Contrary to other registries that will pull the latest image when no tag (version) is provided, you must specify a tag when pulling BioContainers (after a colon :, e.g. fastqc:v0.11.5). Check the tags within the registry and pick the one that better suits your needs.

You can also install galaxy-util-tools and search for mulled containers in your CLI. You'll find instructions below, using conda to install the tool.

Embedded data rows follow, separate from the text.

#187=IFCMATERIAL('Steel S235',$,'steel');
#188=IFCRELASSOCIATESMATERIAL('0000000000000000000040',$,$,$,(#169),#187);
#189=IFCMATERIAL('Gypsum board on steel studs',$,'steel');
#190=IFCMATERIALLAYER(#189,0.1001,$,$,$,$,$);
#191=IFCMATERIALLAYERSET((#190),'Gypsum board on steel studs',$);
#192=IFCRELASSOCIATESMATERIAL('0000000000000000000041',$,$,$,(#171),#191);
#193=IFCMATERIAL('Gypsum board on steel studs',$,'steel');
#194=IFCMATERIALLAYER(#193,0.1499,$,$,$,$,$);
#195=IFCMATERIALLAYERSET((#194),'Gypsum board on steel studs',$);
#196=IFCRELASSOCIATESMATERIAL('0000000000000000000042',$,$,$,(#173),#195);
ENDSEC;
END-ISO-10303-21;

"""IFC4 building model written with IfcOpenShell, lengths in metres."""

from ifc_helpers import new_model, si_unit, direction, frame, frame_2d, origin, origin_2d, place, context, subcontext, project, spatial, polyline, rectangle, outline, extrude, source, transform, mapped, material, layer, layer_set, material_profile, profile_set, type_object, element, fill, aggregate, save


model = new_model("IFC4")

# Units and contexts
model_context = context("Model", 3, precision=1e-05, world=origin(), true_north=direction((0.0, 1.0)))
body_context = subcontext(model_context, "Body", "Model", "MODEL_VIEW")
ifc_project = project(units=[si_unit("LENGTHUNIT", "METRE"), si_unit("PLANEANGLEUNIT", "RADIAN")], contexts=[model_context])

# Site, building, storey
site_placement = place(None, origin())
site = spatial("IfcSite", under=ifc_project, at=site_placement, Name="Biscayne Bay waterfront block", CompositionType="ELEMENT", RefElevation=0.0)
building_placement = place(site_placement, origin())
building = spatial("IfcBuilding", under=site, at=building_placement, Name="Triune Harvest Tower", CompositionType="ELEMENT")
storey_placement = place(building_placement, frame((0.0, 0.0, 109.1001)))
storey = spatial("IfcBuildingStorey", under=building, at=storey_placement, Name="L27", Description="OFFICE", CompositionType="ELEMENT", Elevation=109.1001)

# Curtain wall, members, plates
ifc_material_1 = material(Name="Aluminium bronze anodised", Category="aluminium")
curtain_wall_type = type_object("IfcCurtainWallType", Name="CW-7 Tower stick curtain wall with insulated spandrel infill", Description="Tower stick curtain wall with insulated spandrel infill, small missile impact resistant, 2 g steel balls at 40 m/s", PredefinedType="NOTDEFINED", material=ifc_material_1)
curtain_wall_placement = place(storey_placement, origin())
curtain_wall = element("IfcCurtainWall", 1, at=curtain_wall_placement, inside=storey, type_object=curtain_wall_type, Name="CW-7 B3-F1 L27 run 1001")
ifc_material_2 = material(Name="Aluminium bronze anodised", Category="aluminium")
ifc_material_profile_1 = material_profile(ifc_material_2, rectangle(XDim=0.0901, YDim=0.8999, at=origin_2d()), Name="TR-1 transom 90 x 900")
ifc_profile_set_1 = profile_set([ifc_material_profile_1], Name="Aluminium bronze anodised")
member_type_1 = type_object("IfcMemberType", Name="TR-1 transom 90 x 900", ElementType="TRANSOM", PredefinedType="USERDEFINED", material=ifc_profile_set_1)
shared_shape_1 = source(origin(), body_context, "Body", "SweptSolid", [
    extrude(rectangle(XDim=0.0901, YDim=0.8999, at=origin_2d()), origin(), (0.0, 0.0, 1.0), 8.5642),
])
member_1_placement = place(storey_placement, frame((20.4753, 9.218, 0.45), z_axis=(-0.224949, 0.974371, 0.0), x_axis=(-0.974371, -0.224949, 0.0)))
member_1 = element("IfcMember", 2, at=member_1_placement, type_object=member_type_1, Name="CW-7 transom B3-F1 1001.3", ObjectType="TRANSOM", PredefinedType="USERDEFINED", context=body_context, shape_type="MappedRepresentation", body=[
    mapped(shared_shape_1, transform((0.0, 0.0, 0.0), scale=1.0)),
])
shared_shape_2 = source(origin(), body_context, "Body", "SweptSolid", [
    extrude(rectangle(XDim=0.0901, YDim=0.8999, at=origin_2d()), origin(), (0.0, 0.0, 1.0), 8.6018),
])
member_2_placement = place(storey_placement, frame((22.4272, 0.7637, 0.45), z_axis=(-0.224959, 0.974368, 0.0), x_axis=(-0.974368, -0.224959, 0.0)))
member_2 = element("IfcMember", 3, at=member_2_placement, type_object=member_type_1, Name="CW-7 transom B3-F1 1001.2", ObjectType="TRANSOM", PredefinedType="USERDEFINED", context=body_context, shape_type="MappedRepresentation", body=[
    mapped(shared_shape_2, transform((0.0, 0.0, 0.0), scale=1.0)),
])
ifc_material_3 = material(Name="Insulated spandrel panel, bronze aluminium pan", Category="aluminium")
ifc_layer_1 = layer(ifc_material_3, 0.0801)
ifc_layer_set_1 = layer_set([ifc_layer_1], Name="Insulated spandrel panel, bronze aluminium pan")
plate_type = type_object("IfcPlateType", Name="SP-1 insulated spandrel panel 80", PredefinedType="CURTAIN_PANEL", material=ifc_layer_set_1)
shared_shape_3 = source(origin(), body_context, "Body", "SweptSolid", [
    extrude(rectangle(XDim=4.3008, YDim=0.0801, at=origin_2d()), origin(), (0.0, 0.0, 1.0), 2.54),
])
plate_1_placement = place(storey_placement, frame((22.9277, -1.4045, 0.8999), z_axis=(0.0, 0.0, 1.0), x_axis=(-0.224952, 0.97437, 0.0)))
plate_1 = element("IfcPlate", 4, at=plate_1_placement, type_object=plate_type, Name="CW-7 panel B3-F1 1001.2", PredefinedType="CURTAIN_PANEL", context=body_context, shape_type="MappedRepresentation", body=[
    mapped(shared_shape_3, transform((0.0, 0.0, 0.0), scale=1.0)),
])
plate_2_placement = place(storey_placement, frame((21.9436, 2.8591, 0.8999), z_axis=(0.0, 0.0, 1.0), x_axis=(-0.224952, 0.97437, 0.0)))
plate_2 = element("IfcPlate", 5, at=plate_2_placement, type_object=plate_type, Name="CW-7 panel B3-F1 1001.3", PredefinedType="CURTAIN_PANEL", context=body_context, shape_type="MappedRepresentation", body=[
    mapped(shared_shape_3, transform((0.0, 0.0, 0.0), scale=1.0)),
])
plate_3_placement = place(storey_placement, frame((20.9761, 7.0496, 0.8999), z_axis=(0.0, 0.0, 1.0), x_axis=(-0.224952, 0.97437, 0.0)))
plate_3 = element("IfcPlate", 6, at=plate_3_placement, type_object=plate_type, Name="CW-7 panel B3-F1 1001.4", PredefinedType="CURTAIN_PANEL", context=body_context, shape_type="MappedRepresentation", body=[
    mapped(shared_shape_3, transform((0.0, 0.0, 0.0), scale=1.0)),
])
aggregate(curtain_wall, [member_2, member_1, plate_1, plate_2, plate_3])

conda activate a-conda-env-you-already-have
conda install galaxy-tool-util
mulled-search --destination quay singularity --channel bioconda --search bowtie samtools | grep mulled

Tip

You can have more complex definitions within your process block by letting the appropriate container image or conda package be used depending on if the user selected singularity, Docker or conda to be used. You can click here for more information and here for an example.

4.4.1 Exercises¶

Exercise

During the earlier RNA-Seq tutorial (script2.nf), we created an index with the salmon tool. Given we do not have salmon installed locally in the machine provided by Gitpod, we had to either run it with -with-conda or -with-docker. Your task now is to run it again -with-docker, but without having to create your own Docker container image. Instead, use the BioContainers image for salmon 1.7.0.

Solution

nextflow run script2.nf -with-docker quay.io/biocontainers/salmon:1.7.0--h84f40af_0

Bonus Exercise

Change the process directives in script5.nf or the nextflow.config file to make the workflow automatically use BioContainers when using salmon, or fastqc.

Hint

Temporarily comment out the line process.container = 'nextflow/rnaseq-nf' in the nextflow.config file to make sure the processes are using the BioContainers that you set, and not the container image we have been using in this training.

Solution

With these changes, you should be able to run the workflow with BioContainers by running the following in the command line:

nextflow run script5.nf

with the following container directives for each process:

process FASTQC {
    container 'biocontainers/fastqc:v0.11.5'
    tag "FASTQC on $sample_id"
...

and

process QUANTIFICATION {
    tag "Salmon on $sample_id"
    container 'quay.io/biocontainers/salmon:1.7.0--h84f40af_0'
    publishDir params.outdir, mode: 'copy'
...

Check the .command.run file in the work directory and ensure that the run line contains the correct Biocontainers.